The Bangor Daily News on how a country that burns food for starving children is not great:

A country that is great does not burn food destined to starving people. It does not allow a president to unilaterally undo spending decisions made by Congress even as that Congress works on new budgets, that could also be disregarded. Its Supreme Court would not greenlight troubling presidential actions like shutting departments created and funded by Congress and the firing of thousands of federal employees without cause.

In a country that is great, the Department of Justice would not be demanding that states give it access to voter information and election systems, while the president and Republican Party continue to spread claims of voter fraud and stolen elections despite numerous investigations and court cases debunking such claims.

These events, pulled from recent headlines, would sure seem to indicate that the United States, once a beacon of freedom and democracy, has lost its way under President Donald Trump, the Republican-controlled Congress and a Supreme Court dominated by conservative judges, three of them appointed by Trump.

Start with the burning of food. When the Trump administration ordered the shuttering of the U.S. Agency for International Development — an agency that has helped save lives and spread democratic ideals around the world for a relatively small amount of U.S. money — millions of tons of food destined to places around the globe where people are literally starving was caught in limbo.

Rather than do the humane — and dare we say, Christian — thing and help the food reach needy recipients, the U.S. government has ordered the destruction of 500 metric tons of food destined for Afghanistan and Pakistan. That’s enough food to feed 1.5 million children for a week, The Atlantic reported. The ... food, in the form of high-energy biscuits, was ordered by the Biden administration and had been stored in Dubai.

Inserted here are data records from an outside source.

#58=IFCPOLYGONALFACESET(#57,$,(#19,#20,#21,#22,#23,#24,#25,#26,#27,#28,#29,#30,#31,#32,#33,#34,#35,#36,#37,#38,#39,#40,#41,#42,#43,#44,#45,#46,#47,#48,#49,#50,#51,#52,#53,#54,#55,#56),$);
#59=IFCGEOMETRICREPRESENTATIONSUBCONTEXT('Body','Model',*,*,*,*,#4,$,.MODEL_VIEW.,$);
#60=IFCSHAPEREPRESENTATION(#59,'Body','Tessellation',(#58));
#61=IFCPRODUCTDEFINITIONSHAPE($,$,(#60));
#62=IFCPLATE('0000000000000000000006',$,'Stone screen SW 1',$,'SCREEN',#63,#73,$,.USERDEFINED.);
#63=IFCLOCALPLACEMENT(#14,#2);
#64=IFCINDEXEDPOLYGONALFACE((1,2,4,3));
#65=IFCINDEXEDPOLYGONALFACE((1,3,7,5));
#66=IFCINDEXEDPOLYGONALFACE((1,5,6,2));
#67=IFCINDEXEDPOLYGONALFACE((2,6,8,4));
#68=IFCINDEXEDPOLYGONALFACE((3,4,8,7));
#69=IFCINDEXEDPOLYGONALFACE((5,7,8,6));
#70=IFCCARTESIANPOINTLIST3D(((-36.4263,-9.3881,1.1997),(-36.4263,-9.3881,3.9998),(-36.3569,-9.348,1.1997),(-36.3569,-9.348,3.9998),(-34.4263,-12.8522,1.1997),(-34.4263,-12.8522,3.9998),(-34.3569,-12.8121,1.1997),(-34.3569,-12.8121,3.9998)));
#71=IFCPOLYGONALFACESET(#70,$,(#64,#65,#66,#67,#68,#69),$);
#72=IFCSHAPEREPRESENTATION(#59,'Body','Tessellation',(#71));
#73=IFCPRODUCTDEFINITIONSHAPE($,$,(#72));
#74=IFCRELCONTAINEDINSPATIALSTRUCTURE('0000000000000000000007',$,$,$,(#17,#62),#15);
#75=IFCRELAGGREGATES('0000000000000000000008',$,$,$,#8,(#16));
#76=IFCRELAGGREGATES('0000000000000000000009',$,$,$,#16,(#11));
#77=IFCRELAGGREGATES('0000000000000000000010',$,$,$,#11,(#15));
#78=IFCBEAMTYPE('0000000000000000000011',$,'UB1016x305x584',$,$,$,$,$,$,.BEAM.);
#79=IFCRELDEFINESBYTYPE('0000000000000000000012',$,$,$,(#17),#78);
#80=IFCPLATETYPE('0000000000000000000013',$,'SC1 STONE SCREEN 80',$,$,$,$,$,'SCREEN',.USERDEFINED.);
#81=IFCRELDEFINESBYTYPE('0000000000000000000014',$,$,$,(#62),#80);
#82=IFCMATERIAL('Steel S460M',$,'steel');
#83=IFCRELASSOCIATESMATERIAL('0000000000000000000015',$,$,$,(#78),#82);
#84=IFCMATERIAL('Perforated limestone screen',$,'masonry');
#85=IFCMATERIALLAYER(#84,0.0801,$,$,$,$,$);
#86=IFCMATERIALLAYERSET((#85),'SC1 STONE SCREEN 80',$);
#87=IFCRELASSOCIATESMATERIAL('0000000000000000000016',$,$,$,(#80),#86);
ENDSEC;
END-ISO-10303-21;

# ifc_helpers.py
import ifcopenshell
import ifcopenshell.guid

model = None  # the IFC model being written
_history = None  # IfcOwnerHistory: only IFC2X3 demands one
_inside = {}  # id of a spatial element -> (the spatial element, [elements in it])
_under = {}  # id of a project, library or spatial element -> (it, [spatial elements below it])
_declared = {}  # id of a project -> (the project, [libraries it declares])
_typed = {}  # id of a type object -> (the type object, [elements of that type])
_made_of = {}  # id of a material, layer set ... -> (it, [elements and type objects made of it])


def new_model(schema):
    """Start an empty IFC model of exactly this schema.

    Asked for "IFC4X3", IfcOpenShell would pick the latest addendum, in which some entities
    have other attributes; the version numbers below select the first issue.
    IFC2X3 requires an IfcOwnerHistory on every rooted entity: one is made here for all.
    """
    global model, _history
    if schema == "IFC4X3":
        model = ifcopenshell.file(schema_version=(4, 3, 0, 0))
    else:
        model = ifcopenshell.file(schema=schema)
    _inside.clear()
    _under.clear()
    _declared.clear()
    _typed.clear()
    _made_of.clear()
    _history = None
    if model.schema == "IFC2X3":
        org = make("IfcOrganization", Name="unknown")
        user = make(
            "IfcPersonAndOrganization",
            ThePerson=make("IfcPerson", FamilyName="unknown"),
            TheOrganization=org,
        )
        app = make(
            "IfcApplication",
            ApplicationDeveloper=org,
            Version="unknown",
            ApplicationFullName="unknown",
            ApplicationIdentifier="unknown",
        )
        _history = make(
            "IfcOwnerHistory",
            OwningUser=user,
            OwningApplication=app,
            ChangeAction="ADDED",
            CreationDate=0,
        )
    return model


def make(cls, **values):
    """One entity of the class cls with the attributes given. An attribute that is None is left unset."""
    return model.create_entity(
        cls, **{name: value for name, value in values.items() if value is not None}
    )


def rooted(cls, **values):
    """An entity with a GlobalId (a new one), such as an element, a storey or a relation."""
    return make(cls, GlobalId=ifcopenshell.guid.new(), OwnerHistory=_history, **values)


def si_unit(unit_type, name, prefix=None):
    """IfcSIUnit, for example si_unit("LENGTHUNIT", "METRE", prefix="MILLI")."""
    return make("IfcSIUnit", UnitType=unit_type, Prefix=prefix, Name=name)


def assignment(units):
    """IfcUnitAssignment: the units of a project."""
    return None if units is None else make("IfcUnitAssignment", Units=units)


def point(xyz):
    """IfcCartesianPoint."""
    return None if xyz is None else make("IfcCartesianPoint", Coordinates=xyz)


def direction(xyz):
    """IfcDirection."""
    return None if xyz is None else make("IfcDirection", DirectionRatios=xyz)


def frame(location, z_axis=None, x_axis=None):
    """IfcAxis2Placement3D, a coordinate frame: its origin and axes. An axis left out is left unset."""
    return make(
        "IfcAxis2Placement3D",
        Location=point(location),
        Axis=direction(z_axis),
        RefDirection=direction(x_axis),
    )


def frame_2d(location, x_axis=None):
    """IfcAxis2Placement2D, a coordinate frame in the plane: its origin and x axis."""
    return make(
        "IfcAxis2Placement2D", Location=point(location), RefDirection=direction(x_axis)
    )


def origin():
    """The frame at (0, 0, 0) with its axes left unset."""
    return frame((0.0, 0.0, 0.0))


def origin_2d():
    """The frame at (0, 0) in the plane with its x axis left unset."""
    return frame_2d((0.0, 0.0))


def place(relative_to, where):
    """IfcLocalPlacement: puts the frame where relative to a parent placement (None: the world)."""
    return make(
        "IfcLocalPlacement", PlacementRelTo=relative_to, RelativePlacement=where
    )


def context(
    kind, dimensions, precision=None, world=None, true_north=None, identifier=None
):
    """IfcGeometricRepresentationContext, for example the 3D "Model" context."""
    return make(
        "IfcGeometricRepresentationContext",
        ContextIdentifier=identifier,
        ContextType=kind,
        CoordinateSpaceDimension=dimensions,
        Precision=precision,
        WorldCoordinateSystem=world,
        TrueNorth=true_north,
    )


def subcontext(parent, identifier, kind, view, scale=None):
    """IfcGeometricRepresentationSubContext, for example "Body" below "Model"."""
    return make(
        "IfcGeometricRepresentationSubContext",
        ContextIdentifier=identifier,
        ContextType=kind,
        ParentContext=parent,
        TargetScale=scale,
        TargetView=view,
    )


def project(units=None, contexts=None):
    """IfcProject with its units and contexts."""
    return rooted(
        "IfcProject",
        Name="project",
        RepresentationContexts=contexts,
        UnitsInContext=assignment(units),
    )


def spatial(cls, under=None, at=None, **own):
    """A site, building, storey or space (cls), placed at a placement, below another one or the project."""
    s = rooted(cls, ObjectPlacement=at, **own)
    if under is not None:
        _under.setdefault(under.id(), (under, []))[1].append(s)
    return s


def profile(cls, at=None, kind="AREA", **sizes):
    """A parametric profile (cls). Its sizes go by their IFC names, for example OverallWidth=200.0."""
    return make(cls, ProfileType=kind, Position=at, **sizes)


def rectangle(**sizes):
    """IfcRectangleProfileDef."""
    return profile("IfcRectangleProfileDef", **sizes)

Although Secretary of State Marco Rubio told the House Appropriations Committee that the food would be distributed, a memo was instead sent to incinerate it, The Atlantic reported.

It will cost U.S. taxpayers $130,000 to destroy the biscuits. This is not only asinine, it is cruel. The Trump administration is wasting money rather than helping starving children, apparently to make a political point.

While already paid-for food aid is destroyed, Republican members of Congress this week gave the Trump administration permission to essentially unilaterally veto spending decisions that were made by Congress long ago, including cancelation of funding for public broadcasting, which will harm local emergency alert systems.

Weirdly, this rescission package — and a package of tax cuts, spending cuts and big spending increases on immigration enforcement and detentions that was passed earlier this month — was approved as lawmakers in the House and Senate are going through the motions of marking up budgets for the many federal agencies for the next year. Will those budgets also be disregarded by Trump? Will more Republican lawmakers care? ...

A White House that deliberately makes people suffer, that bullies and steamrolls Congress — no matter what the law and Constitution says — and a Supreme Court that enables such actions are sure signs that America has lost its way. We have lost our bearings as a country built on the ideals of freedom and equality and become a country beholden to the whims and power of one man, even if it means burning food destined for starving people.